Rewritten in GF2 it is equivalent to:

    
    
      Ch(E, F, G) == ((F + G) * E) + F
    

Because of distributive laws, we know there is zero way to simplify this
further.

Its trivial to see that to work backwards, you have to "consider" way more
input combinations for every known output. Even if the output is 0 (which you
want when Bitcoin mining), you have this problem where there are 4 possible
input combinations.

Now unroll the entire SHA256d function Bitcoin uses and you realize the effort
to work backwards is far more than the effort to brute-force the input
keyspace.

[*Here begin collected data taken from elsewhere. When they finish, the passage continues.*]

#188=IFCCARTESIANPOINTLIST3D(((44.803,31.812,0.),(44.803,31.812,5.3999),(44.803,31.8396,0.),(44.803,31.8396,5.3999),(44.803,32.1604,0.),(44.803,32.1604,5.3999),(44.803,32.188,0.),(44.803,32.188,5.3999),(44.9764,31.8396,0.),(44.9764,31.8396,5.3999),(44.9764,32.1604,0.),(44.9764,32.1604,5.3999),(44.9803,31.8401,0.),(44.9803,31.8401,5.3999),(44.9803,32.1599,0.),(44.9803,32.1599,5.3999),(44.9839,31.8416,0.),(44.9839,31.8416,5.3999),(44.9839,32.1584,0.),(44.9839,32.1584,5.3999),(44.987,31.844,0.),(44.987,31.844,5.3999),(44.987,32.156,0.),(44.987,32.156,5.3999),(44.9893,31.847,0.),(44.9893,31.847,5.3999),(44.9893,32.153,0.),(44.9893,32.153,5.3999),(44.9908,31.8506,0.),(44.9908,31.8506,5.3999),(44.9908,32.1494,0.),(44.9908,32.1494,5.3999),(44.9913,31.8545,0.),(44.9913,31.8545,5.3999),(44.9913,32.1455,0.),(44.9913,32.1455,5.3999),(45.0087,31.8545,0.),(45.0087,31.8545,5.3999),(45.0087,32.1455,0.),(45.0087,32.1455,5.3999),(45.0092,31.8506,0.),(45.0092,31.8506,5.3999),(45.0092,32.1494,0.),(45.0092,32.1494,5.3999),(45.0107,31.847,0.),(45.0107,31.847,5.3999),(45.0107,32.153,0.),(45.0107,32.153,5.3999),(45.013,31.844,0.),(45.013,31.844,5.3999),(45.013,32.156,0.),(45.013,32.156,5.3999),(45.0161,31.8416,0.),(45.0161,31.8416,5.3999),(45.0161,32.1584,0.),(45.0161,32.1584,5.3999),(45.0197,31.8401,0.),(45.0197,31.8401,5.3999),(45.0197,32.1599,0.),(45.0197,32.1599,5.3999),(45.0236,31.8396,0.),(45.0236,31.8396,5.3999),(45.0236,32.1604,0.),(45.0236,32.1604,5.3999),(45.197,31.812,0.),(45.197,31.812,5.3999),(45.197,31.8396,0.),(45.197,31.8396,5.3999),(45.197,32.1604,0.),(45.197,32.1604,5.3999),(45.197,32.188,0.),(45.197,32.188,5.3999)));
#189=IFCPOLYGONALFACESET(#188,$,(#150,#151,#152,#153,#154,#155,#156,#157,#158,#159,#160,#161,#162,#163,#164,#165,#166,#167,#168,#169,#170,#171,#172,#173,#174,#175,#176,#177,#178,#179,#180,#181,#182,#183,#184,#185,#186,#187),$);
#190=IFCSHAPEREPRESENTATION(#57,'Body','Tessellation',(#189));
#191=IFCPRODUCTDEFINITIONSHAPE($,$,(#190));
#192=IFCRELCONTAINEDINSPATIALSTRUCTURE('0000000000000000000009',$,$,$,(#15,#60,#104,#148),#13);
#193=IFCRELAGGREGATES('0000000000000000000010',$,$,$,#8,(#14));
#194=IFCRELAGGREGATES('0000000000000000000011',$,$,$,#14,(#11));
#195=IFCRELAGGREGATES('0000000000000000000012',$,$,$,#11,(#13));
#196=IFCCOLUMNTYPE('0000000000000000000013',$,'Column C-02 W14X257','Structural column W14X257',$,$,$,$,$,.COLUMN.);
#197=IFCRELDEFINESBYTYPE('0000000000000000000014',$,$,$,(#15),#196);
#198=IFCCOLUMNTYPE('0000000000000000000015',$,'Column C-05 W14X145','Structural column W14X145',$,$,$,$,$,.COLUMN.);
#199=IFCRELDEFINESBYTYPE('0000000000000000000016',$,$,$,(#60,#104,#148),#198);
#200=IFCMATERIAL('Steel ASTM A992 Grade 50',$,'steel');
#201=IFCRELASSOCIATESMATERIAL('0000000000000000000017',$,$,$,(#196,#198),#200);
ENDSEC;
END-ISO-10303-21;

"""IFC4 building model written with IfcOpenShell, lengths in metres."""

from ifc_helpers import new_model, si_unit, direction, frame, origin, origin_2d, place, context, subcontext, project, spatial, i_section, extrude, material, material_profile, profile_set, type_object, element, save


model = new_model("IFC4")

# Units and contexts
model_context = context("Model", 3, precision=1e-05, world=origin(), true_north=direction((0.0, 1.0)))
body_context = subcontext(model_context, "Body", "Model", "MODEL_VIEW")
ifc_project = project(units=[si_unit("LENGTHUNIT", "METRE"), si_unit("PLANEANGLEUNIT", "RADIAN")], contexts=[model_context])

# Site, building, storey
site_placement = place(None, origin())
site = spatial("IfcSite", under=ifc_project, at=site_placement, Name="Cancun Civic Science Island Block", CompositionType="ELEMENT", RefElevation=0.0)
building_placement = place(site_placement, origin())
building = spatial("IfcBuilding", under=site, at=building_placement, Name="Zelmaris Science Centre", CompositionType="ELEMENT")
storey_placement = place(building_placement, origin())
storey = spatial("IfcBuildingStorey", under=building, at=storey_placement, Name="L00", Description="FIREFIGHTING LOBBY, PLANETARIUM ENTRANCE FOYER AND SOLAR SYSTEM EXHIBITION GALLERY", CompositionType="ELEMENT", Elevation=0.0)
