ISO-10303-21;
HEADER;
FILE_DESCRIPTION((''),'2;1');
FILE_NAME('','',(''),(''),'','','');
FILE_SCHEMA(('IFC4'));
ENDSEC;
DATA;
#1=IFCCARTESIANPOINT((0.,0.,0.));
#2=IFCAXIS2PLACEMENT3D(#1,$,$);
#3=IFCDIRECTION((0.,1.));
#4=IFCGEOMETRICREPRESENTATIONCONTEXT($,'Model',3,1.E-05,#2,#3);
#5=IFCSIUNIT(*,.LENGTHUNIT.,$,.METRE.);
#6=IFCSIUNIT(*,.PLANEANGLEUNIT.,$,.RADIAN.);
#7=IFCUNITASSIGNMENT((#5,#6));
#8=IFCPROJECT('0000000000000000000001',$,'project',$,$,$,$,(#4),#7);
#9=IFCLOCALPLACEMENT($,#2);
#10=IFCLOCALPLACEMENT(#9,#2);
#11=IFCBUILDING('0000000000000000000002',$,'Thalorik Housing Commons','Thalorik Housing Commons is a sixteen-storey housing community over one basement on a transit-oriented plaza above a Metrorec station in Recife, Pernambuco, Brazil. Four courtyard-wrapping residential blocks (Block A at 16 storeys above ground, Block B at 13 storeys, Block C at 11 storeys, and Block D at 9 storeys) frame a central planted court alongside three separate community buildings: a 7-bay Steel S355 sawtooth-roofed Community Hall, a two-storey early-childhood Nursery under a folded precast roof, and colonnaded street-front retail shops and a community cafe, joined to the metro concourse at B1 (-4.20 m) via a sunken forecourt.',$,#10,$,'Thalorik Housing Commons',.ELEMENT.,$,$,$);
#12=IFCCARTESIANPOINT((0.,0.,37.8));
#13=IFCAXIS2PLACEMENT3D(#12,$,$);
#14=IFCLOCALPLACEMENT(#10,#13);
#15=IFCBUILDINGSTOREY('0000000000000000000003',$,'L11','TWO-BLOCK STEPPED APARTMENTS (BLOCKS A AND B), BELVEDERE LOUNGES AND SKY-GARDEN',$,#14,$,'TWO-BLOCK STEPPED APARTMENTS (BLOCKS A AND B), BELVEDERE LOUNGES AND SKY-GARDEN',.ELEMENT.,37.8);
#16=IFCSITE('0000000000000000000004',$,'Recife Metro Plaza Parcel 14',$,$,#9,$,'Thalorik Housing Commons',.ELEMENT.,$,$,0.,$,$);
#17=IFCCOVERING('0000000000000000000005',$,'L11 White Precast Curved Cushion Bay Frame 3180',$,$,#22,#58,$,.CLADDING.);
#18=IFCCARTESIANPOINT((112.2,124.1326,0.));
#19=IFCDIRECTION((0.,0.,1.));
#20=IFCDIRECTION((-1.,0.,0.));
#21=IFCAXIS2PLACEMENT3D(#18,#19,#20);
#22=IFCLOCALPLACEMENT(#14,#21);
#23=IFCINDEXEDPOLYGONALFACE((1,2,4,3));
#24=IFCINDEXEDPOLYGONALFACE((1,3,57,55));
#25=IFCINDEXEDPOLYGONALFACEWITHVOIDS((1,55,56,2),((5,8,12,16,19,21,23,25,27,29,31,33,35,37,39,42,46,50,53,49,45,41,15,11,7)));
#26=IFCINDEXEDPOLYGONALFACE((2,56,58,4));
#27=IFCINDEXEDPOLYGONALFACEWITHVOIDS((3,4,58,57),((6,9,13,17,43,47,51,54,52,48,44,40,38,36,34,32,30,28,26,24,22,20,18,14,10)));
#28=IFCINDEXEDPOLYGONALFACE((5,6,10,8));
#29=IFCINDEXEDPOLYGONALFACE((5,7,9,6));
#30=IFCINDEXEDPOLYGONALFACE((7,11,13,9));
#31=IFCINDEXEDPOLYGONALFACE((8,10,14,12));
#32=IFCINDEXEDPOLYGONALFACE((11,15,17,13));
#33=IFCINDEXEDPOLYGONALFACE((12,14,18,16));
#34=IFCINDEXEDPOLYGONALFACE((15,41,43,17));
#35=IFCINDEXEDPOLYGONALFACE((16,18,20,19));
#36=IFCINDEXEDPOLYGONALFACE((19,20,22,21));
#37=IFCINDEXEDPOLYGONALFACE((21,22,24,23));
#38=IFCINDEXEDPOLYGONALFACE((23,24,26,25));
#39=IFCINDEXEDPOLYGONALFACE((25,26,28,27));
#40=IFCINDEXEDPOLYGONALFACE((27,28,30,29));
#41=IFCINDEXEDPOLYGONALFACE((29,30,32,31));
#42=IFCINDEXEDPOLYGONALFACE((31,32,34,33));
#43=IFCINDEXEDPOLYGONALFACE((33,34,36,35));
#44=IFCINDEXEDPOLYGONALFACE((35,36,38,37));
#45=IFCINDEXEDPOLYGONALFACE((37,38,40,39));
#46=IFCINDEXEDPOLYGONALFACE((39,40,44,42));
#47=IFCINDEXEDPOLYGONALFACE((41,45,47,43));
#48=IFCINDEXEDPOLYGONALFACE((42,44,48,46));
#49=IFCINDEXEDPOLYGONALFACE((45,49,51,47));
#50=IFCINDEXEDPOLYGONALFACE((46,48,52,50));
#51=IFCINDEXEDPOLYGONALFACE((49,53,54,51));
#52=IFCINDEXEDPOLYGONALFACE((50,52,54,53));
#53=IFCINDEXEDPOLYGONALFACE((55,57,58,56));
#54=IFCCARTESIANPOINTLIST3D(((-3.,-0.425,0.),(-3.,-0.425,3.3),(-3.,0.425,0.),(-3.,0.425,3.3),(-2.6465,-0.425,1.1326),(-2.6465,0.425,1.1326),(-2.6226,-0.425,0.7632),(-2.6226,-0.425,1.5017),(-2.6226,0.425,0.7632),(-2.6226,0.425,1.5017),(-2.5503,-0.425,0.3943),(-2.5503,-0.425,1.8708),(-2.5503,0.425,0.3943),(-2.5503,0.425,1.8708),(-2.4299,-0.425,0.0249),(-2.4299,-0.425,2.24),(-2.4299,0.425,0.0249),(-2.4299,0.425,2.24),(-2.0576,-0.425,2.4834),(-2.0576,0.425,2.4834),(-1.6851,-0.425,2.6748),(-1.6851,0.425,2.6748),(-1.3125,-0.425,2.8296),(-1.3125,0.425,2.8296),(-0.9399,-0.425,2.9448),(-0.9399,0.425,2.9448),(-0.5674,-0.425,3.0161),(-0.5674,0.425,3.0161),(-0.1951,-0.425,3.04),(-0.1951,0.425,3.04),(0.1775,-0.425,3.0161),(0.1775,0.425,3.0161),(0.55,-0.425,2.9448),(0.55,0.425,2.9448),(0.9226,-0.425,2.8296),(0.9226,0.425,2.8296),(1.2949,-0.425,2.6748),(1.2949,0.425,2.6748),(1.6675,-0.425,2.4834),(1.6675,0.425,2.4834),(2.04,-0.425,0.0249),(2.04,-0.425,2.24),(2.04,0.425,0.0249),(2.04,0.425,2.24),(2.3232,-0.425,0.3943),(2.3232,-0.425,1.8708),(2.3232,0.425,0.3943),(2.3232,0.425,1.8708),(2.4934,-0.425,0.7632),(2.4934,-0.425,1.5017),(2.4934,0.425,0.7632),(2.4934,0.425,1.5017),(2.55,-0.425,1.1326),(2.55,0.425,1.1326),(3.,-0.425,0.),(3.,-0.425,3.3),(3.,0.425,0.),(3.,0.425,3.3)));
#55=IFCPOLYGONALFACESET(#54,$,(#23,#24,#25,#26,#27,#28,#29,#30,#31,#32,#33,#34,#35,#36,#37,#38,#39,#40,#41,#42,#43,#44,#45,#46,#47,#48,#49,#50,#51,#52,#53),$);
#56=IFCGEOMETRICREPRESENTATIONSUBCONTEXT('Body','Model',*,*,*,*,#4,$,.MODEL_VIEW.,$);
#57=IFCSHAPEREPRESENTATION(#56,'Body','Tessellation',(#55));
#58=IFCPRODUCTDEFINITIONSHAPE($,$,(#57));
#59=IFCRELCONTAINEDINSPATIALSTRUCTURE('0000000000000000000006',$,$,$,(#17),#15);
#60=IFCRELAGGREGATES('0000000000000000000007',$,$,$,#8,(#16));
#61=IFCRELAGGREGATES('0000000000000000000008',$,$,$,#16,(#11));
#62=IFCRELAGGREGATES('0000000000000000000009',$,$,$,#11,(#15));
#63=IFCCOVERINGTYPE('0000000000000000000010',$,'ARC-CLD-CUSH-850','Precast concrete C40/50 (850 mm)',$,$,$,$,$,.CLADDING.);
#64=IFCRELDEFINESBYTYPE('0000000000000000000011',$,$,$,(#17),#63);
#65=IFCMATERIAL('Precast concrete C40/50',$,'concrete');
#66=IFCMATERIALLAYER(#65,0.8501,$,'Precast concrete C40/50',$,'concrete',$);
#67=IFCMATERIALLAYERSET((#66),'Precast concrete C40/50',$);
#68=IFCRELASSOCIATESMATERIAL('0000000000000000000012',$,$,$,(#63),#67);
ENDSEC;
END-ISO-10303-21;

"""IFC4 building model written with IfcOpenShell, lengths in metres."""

from ifc_helpers import new_model, si_unit, direction, frame, origin, place, context, subcontext, project, spatial, polyline, outline, extrude, material, layer, layer_set, type_object, element, save


model = new_model("IFC4")

# Units and contexts
model_context = context("Model", 3, precision=1e-05, world=origin(), true_north=direction((0.0, 1.0)))
body_context = subcontext(model_context, "Body", "Model", "MODEL_VIEW")
ifc_project = project(units=[si_unit("LENGTHUNIT", "METRE"), si_unit("PLANEANGLEUNIT", "RADIAN")], contexts=[model_context])

# Site, building, storey
site_placement = place(None, origin())
site = spatial("IfcSite", under=ifc_project, at=site_placement, Name="Recife Metro Plaza Parcel 14", LongName="Thalorik Housing Commons", CompositionType="ELEMENT", RefElevation=0.0)
building_placement = place(site_placement, origin())
building = spatial("IfcBuilding", under=site, at=building_placement, Name="Thalorik Housing Commons", Description="Thalorik Housing Commons is a sixteen-storey housing community over one basement on a transit-oriented plaza above a Metrorec station in Recife, Pernambuco, Brazil. Four courtyard-wrapping residential blocks (Block A at 16 storeys above ground, Block B at 13 storeys, Block C at 11 storeys, and Block D at 9 storeys) frame a central planted court alongside three separate community buildings: a 7-bay Steel S355 sawtooth-roofed Community Hall, a two-storey early-childhood Nursery under a folded precast roof, and colonnaded street-front retail shops and a community cafe, joined to the metro concourse at B1 (-4.20 m) via a sunken forecourt.", LongName="Thalorik Housing Commons", CompositionType="ELEMENT")
storey_placement = place(building_placement, frame((0.0, 0.0, 37.8)))
storey = spatial("IfcBuildingStorey", under=building, at=storey_placement, Name="L11", Description="TWO-BLOCK STEPPED APARTMENTS (BLOCKS A AND B), BELVEDERE LOUNGES AND SKY-GARDEN", LongName="TWO-BLOCK STEPPED APARTMENTS (BLOCKS A AND B), BELVEDERE LOUNGES AND SKY-GARDEN", CompositionType="ELEMENT", Elevation=37.8)

# Shared definitions
ifc_material_1 = material(Name="Precast concrete C40/50", Category="concrete")

# Covering
ifc_layer_1 = layer(ifc_material_1, 0.8501, Name="Precast concrete C40/50", Category="concrete")
ifc_layer_set_1 = layer_set([ifc_layer_1], Name="Precast concrete C40/50")
covering_type_1 = type_object("IfcCoveringType", Name="ARC-CLD-CUSH-850", Description="Precast concrete C40/50 (850 mm)", PredefinedType="CLADDING", material=ifc_layer_set_1)
covering_1_placement = place(storey_placement, frame((112.2, 124.1326, 0.0), z_axis=(0.0, 0.0, 1.0), x_axis=(-1.0, 0.0, 0.0)))
element("IfcCovering", 1, at=covering_1_placement, inside=storey, type_object=covering_type_1, Name="L11 White Precast Curved Cushion Bay Frame 3180", PredefinedType="CLADDING", context=body_context, shape_type="SweptSolid", body=[
    extrude(outline(polyline([(-3.0, 0.0), (3.0, 0.0), (3.0, 3.3), (-3.0, 3.3), (-3.0, 0.0)]), holes=[polyline([(2.04, 0.0249), (2.3232, 0.3943), (2.4934, 0.7632), (2.55, 1.1326), (2.4934, 1.5017), (2.3232, 1.8708), (2.04, 2.24), (1.6675, 2.4834), (1.2949, 2.6748), (0.9226, 2.8296), (0.55, 2.9448), (0.1775, 3.0161), (-0.1951, 3.04), (-0.5674, 3.0161), (-0.9399, 2.9448), (-1.3125, 2.8296), (-1.6851, 2.6748), (-2.0576, 2.4834), (-2.4299, 2.24), (-2.5503, 1.8708), (-2.6226, 1.5017), (-2.6465, 1.1326), (-2.6226, 0.7632), (-2.5503, 0.3943), (-2.4299, 0.0249), (2.04, 0.0249)])]), frame((0.0, 0.425, 0.0), z_axis=(0.0, -1.0, 0.0), x_axis=(1.0, 0.0, 0.0)), (0.0, 0.0, 1.0), 0.8501),
])

save(model, "model.ifc")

This explosion in complexity comes from the fact that the whole
function feeds forward, so there is little that can be done to "resolve out"
intermediate values as there are no cyclic value dependencies.

SHA256d is effectively a giant rat's nest of multiplies and adds, all stacked
on top of each other, that cannot be reduced, due to distributive laws.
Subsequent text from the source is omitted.